I think it's great to appreciate other classics - Observations from enthusiasts who just love classic cars should be a part of the forum. 
Here's one that will blow your mind - just the business. Seeing is believing. I used to own one
Have a look.

http://www.ebay.co.uk/itm/A-Fantastic-F ... 4187f3a56c


----------



## Hoggy (May 8, 2002)

Hi, Looks wonderful & quite cheap. I wouldn't part with my 1982 5 speed XR3 for £4000.
Hoggy.


----------



## Serendipitous (Nov 19, 2011)

Hoggy said:


> Hi, Looks wonderful & quite cheap. I wouldn't part with my 1982 5 speed XR3 for £4000.
> Hoggy.


Your so right Hoggy,
This is a lovely classic. We could have a space on the forum for appreciation of some of the mint classics. 
The wording of the ad is superb and clearly from a place of passion

Just great


----------



## triplefan (Sep 3, 2008)

I thought the Capri 280 Brooklands was a bit cheeky at 23k, but 57 for a Sierra Cosworth???


----------



## conlechi (May 6, 2006)

Had one like that in metallic grey 8) great car at the time , seems a long time and many cars ago now ...


----------



## Serendipitous (Nov 19, 2011)

triplefan said:


> I thought the Capri 280 Brooklands was a bit cheeky at 23k, but 57 for a Sierra Cosworth???


Yes, but price aside - you have to appreciate that someone has loved the car enough - whatever it is, to keep it in that kind of condition. I just find it awesome.

If anyone remembers driving one of these back in the day they were 'street machines.' 
110 BHP weighing less than a ton - so quick in the day.
Then I had a Dolomite Sprint. Mental 
Ok Ok Dave - leave the thread alone. No prob He he


----------



## triplefan (Sep 3, 2008)

I do appreciate the dedication to preserving a car, but at the same time it is also sad as at the end of the day it is a car and should be used and enjoyed, not kept wrapped on cotton wool as a garage queen.


----------



## Serendipitous (Nov 19, 2011)

triplefan said:


> I do appreciate the dedication to preserving a car, but at the same time it is also sad as at the end of the day it is a car and should be used and enjoyed, not kept wrapped on cotton wool as a garage queen.


Yeah I get that, but I'm talking more about 'Barn finds.' 
A few months ago I was buying paint for a customers car and offered some help to an old guy in the paint shop who looked lost. He was after a can of green paint - any green for his car. He genuinely couldn't remember the name of the car and had obvious memory problems. I gave him my card and he asked if I could come and have a look so he could buy the right colour.
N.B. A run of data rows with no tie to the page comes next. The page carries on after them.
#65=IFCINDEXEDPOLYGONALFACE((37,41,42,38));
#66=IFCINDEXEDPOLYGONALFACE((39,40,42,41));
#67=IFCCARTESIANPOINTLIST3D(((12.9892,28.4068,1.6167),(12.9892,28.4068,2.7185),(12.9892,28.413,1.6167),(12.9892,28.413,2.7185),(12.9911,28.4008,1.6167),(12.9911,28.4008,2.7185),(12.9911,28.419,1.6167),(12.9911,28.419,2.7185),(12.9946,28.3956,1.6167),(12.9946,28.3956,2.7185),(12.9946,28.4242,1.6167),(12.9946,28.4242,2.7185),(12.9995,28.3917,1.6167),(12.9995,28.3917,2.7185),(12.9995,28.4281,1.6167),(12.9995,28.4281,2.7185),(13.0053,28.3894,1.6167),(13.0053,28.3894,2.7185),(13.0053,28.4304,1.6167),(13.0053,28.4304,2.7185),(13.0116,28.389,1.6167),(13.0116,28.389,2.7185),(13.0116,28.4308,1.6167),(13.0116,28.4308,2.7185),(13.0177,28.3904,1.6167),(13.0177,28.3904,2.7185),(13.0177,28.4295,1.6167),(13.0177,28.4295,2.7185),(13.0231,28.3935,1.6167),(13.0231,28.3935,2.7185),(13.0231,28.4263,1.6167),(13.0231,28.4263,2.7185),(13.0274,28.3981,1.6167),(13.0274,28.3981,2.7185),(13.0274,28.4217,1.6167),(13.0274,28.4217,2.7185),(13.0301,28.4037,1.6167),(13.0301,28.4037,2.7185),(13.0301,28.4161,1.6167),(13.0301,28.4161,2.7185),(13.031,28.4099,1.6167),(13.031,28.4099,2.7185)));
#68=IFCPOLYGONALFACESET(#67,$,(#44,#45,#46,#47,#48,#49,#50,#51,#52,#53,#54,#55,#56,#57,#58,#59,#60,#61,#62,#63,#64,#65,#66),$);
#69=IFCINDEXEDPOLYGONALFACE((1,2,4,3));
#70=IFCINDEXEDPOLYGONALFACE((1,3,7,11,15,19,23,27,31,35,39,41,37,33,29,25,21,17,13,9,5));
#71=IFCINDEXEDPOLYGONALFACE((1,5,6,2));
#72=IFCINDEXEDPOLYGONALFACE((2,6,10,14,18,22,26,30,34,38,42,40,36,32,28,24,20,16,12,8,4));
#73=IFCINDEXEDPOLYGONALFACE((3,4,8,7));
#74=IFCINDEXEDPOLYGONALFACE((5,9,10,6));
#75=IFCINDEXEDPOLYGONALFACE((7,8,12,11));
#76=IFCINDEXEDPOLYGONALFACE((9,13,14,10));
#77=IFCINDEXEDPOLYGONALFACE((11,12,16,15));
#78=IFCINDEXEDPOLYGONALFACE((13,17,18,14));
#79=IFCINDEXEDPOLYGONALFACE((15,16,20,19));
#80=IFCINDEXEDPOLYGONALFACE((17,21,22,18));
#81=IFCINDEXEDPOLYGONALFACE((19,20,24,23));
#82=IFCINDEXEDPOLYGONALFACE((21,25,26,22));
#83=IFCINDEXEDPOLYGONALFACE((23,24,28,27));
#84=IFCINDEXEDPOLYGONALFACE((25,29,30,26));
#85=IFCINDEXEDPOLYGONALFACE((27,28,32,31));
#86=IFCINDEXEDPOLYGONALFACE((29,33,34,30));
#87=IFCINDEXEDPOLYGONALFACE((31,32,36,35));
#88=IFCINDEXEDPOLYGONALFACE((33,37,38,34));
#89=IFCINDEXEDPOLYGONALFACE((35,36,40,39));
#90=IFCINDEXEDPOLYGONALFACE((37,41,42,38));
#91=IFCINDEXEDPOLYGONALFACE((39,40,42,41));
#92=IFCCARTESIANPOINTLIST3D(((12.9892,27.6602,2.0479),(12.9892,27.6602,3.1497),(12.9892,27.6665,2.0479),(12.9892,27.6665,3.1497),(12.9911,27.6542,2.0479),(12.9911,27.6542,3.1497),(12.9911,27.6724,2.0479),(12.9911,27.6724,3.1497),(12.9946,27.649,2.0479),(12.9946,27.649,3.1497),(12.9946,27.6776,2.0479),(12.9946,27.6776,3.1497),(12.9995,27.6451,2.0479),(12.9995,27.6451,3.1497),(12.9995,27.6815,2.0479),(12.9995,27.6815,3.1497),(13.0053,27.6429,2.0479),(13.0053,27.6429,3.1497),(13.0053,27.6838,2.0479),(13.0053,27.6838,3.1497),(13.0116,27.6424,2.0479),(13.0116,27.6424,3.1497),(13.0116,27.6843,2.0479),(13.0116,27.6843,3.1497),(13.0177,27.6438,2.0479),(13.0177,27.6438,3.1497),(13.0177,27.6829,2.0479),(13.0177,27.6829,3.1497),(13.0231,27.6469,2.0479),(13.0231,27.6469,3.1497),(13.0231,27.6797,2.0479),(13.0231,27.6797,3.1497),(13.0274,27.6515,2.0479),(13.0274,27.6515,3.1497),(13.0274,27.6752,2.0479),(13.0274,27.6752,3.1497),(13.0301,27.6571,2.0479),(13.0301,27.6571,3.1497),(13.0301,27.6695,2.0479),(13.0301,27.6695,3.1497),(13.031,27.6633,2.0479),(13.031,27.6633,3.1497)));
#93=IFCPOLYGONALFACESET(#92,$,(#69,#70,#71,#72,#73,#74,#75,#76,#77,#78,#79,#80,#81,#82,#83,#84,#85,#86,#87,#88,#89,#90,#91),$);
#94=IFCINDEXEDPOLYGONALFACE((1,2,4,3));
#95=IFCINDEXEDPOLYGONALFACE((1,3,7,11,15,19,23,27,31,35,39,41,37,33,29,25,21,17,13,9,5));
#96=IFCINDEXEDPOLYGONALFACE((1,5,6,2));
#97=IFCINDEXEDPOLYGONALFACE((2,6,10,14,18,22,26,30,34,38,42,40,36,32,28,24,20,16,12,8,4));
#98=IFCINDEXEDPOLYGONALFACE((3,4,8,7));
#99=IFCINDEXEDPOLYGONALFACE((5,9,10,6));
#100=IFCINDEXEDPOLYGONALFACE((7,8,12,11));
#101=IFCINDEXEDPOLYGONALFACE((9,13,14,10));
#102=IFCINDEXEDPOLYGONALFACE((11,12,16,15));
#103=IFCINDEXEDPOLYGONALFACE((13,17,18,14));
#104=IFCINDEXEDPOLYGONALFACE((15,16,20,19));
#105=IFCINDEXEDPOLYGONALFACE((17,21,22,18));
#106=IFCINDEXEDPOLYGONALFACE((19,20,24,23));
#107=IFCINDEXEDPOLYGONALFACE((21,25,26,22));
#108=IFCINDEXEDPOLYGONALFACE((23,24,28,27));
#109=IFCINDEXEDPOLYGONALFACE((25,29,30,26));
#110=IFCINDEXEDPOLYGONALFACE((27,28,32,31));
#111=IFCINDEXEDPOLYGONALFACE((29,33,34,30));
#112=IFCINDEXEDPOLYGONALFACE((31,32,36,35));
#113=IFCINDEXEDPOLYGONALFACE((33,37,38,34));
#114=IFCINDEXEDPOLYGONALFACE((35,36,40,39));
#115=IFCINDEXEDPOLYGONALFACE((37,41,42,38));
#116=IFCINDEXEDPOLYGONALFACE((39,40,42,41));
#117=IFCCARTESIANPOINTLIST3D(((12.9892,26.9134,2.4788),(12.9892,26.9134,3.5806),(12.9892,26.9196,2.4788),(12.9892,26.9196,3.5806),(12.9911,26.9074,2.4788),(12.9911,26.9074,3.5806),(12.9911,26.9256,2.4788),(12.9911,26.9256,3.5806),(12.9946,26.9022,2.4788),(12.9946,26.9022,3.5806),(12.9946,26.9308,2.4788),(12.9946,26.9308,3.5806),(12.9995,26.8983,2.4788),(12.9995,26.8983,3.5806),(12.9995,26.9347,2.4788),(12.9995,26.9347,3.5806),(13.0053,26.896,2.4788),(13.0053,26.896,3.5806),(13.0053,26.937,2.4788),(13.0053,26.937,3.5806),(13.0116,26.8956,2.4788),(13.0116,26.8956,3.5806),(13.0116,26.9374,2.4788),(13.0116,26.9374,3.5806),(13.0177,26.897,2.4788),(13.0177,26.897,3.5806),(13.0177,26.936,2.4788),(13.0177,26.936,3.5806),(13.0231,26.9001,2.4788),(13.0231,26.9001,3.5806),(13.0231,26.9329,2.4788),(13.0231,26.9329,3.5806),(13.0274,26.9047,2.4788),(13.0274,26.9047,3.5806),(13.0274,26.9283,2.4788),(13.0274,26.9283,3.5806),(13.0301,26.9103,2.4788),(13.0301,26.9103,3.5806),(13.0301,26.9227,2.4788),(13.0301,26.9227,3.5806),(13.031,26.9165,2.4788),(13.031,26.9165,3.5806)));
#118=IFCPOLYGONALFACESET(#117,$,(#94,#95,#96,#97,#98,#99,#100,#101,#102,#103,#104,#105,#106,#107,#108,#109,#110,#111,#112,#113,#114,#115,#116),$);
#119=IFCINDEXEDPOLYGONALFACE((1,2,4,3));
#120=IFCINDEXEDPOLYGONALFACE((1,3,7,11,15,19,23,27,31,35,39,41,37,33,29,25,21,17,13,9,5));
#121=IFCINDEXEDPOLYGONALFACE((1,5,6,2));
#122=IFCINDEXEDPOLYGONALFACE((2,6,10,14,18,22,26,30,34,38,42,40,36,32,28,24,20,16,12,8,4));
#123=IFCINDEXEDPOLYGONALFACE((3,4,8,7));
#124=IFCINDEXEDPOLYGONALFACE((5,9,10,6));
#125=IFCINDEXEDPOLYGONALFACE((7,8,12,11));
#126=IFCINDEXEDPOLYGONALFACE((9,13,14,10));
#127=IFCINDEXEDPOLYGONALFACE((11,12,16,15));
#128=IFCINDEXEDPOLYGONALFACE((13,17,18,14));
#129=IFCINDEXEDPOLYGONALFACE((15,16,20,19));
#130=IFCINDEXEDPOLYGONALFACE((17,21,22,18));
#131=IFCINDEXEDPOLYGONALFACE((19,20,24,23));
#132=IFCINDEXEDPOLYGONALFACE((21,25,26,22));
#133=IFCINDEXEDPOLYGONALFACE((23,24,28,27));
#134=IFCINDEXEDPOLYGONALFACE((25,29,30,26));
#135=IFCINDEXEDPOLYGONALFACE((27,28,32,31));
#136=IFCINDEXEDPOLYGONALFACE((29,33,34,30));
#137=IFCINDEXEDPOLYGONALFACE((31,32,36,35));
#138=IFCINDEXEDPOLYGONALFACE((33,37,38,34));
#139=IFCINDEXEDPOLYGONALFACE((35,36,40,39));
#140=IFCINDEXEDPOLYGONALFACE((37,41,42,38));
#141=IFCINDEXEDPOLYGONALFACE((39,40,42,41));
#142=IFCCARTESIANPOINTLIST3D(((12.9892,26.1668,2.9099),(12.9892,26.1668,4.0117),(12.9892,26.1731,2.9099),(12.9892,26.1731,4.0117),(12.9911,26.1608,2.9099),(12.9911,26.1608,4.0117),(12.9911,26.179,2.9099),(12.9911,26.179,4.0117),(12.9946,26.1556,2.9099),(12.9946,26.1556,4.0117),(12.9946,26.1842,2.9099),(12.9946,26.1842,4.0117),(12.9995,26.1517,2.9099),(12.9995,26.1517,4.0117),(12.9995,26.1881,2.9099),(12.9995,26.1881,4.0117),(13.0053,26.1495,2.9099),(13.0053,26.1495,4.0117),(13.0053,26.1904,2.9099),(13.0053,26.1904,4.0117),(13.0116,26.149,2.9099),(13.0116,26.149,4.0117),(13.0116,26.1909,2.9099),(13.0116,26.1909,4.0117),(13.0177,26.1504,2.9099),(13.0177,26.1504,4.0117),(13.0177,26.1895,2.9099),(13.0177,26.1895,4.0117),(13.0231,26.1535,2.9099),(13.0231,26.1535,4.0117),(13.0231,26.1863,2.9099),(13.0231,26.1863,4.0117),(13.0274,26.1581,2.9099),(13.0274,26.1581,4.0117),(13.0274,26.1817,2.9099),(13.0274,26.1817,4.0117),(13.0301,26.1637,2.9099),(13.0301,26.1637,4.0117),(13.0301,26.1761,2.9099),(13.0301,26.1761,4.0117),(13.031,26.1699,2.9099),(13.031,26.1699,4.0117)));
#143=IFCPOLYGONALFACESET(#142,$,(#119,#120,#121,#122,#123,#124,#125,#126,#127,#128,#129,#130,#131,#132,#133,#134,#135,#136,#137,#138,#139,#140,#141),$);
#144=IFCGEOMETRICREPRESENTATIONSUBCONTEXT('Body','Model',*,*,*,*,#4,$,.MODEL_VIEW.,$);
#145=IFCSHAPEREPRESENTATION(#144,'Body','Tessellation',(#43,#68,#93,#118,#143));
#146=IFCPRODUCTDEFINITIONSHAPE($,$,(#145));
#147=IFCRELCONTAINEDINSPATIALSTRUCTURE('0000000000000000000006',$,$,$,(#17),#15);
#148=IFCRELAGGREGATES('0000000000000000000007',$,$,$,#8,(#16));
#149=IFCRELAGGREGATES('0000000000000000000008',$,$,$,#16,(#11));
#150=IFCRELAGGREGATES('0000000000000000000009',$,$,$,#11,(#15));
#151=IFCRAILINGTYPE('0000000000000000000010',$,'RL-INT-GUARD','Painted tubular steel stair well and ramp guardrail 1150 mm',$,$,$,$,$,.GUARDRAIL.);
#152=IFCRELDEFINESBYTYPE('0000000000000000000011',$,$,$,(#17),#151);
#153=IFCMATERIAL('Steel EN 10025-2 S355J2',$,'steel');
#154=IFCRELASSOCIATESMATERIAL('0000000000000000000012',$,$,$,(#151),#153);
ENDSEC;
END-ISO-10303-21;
The next day he called me and asked if I would come over to check the paint colour for him as the car hadn't moved for fifteen years and he still couldn't remember the car make.

I turned up and we had to lever the garage door open and inside?

An Aston Martin Vantage!!!! Loved it.


----------



## triplefan (Sep 3, 2008)

great when something like that happens, not quite the same but I was in a hardware store and in comes this old boy and asks for a tin of gold paint, the shopkeeper asks him what do you want it for "I'm touching up the coach lines on my Brough Superior" he says, man I would ahve loved to have seen that


----------



## Sandy (May 5, 2014)

4x4 wheels rs turbo boot spoiler and mint condition.
Hoggy you have one?. Some pictures of inside out would be lovely.


----------



## Serendipitous (Nov 19, 2011)

triplefan said:


> great when something like that happens, not quite the same but I was in a hardware store and in comes this old boy and asks for a tin of gold paint, the shopkeeper asks him what do you want it for "I'm touching up the coach lines on my Brough Superior" he says, man I would ahve loved to have seen that


Yeah well the story deepens. 
When I saw it I did a double take and said - My god, this is a Brooklands Green Aston Martin Vantage. He replied - Yes Yes of course, that's the one. It was MINT - cream Connolly with red pipeing. 42 k on the clock. I said to him 'do you realise how much this car is worth?' His reply - 'on next to nothing - it really is very old.'

To cut a long story short I printed out some details about the car and took it over to him. He was aghast!!!
Funny and fun.


----------



## Tomm (Jan 12, 2013)

KGF use a classics forum I'm on, they end up with some right gems.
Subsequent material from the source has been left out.